# How much is my ibook worth?



## colin! (Aug 19, 2007)

Hello,

I have an iBook g4 that I'm considering selling, as I don't really need it. I've seen prices on eBay varying from $300 to 600. 

Specs:
- 12" screen
- 1.2ghz ppc g4
- 512mb ram
- 60GB HD
- Combo drive
- Airport Extreme

Accessoires:
- VGA adapter
- S-Video adapter
- Power cord + extension
- 128mb ram stick
- Original packaging + users manuals

No scratches, dents or anything. The only wear on it is some of the letters are worn off the keys (e, a, s, d, l, c, n). The machine is still a perfect white, and I haven't had issues since I bought it in 2005.

I prefer to use eBay but I could use the marketplace here if it'll be worth more.

How much could I get for this?

Thanks, 

Colin


----------



## titans88 (Oct 3, 2007)

For comparison purposes, I recently sold a pc notebook with essentially the same specs for $450 on a local website. The notebook computer was in great shape, but had been dropped, and the power connector was a little finnicky. I would say you should start at $500 and go from there!

I don't know if that helps!

Good luck!


----------



## eMacMan (Nov 27, 2006)

A bit light on RAM for Tiger but I would agree that $500 is a good starting point.
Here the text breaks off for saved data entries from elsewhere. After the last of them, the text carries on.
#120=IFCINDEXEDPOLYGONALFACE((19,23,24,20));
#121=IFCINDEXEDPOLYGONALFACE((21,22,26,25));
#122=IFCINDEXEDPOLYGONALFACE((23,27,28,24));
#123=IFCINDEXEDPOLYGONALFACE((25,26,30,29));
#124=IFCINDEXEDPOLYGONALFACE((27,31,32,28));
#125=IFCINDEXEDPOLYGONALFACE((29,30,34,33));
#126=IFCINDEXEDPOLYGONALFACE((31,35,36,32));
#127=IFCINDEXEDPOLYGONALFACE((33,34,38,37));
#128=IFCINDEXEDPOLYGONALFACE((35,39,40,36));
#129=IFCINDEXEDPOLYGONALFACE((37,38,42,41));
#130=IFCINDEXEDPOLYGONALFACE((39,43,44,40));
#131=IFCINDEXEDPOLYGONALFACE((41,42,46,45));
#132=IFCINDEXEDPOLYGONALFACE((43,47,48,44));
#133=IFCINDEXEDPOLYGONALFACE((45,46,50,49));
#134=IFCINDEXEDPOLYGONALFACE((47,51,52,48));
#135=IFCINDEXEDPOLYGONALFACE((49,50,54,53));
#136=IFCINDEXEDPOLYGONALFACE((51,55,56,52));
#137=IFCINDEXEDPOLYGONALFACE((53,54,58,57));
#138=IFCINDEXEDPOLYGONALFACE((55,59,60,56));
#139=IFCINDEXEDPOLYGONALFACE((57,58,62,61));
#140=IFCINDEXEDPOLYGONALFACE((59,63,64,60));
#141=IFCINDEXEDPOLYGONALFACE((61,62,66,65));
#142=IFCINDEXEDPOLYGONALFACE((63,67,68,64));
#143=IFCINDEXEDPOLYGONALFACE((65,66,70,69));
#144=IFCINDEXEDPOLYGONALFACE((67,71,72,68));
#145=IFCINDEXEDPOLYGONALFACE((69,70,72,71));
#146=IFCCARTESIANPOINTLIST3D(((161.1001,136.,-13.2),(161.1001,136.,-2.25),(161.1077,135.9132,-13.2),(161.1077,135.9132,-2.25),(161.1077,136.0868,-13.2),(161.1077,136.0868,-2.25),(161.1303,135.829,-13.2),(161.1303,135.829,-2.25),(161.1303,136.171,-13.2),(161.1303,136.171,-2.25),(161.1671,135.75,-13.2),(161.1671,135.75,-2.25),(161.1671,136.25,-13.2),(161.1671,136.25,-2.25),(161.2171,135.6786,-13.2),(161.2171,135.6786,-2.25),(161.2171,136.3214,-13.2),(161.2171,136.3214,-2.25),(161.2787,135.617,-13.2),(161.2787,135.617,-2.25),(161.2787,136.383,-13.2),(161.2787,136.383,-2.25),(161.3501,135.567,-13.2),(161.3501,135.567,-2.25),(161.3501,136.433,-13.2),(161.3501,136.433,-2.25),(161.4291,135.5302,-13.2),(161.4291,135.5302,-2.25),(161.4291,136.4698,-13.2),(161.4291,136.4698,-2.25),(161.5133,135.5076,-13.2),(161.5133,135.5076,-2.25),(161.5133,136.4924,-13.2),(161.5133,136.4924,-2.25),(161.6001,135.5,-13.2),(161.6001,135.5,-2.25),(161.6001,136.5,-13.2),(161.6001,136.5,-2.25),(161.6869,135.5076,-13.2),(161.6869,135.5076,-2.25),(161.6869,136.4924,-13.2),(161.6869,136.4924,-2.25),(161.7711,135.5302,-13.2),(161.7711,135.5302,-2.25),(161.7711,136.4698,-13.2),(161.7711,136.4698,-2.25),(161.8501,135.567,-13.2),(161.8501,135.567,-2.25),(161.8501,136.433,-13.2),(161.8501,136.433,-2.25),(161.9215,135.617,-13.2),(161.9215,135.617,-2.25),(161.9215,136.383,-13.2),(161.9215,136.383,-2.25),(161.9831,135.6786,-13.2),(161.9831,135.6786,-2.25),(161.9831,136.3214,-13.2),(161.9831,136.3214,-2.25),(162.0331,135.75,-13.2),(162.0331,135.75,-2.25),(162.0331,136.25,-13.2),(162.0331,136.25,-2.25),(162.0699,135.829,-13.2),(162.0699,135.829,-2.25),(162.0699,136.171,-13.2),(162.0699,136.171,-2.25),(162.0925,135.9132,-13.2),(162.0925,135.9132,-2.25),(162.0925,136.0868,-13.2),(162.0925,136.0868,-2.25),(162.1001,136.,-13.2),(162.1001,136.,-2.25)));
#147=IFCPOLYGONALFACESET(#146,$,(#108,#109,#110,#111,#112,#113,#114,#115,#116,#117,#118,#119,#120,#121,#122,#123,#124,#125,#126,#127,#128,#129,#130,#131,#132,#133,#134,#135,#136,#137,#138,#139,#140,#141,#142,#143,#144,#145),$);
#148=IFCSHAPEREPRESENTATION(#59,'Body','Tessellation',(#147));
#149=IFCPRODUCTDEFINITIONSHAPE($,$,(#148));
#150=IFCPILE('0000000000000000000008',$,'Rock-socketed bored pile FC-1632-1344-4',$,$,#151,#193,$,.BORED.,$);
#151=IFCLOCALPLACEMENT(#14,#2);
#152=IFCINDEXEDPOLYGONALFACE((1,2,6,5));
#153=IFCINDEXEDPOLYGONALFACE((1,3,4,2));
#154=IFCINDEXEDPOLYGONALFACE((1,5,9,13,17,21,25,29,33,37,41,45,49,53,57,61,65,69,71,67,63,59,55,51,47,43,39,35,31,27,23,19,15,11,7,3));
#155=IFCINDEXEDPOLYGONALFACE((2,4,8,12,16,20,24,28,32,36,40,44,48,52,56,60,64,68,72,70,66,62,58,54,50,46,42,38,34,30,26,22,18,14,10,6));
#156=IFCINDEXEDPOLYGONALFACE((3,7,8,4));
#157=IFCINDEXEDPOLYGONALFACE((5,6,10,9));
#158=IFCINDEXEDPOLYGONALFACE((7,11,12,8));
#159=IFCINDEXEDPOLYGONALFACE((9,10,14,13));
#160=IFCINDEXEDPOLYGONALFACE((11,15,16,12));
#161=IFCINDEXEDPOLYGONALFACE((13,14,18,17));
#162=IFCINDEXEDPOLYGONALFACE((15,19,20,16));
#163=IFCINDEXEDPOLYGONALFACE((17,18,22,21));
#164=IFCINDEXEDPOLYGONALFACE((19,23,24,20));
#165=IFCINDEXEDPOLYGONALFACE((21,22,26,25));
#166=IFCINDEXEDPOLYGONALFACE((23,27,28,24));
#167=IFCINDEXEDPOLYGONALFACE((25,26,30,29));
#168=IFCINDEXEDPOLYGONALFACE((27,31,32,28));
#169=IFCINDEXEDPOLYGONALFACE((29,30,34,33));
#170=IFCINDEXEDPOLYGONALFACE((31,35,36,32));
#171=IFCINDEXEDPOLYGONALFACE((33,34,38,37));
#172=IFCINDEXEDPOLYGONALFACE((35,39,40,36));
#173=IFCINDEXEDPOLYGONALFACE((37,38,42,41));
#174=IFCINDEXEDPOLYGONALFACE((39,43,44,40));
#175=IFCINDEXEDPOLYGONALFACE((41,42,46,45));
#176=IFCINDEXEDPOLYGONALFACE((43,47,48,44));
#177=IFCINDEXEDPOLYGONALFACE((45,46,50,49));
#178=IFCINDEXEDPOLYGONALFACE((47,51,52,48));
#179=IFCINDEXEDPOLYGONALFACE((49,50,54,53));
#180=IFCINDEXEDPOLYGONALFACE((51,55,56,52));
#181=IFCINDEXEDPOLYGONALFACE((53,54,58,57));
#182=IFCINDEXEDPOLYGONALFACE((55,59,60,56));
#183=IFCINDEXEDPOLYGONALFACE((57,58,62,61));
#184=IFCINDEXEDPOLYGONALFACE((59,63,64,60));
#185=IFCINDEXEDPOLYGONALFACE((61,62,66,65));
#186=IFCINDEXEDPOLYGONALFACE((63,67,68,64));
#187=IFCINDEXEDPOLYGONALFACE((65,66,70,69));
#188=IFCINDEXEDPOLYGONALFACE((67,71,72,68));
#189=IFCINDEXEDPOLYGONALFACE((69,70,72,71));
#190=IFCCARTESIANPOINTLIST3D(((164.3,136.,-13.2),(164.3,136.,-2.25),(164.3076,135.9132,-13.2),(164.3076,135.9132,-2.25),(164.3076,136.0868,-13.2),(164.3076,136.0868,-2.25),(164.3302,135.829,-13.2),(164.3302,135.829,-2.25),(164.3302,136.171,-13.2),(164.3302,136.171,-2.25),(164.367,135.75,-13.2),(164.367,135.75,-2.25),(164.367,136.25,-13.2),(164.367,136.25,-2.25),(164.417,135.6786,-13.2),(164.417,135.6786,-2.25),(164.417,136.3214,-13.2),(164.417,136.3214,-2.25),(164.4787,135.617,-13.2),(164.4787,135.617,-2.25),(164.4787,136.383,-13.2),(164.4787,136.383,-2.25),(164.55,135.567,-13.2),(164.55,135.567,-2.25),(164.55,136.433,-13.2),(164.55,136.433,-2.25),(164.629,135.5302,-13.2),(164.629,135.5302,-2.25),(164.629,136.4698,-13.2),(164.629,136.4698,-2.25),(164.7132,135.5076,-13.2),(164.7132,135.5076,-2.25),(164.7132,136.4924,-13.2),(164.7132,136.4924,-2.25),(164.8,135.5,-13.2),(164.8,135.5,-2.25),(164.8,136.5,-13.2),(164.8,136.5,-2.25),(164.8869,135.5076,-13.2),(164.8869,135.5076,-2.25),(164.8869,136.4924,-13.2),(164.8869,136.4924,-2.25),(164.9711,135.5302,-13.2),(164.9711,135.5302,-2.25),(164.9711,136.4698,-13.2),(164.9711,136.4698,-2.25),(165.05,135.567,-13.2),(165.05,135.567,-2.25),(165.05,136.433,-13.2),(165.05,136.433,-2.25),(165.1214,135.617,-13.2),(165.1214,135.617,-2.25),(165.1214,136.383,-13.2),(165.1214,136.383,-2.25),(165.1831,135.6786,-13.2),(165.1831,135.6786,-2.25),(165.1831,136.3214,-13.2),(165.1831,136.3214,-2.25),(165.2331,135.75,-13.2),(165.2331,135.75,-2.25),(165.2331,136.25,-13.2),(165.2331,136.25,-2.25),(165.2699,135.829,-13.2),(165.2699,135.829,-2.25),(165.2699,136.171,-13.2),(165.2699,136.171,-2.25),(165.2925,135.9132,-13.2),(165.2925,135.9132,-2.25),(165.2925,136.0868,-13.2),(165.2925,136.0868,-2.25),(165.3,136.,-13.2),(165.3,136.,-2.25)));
I assume you have 2x256MB chips? Replacing one with a 512 would make it fine for any but the most RAM intensive applications.


----------



## HowEver (Jan 11, 2005)

You'll get more on craigslist or putting up signs on a university or college campus, depending on where you live, as this model of computer will be much sought after. The usual selling caveats apply of course; exercise caution; here on ehMac also.

Let the buyer worry about adding RAM, you won't get anything in return for upgrading at this point.

2005? Any AppleCare? If yes, add $100 to your high end speculation price. Even if it's only a few months it gives the buyer some security knowing if something goes wrong, it will be taken care of.

eBay might also be useful, come to think of it.


----------



## Finkangel (May 7, 2006)

Try this site out, its pretty easy to find out what your mac is worth:

http://www.mac2sell.net/


----------



## fyrefly (Apr 16, 2005)

mac2sell generally prices Macs pretty high. The OP did good by checking eBay for a general idea.

I would also say try to sell sooner rather than later -- There's a rumoured "MacBook Nano"/Subnotebook on the horizon that will remove a lot of the demand for the old 12" form factor.


----------



## Strimkind (Mar 31, 2005)

I sold my iBook with very similar specifications for 600$. Unfortunately its not worth more than that with the limited RAM. I only had a 30GB HD though.

Sell now rather than later. The further away from the last G4 we are, the less it will be worth.


----------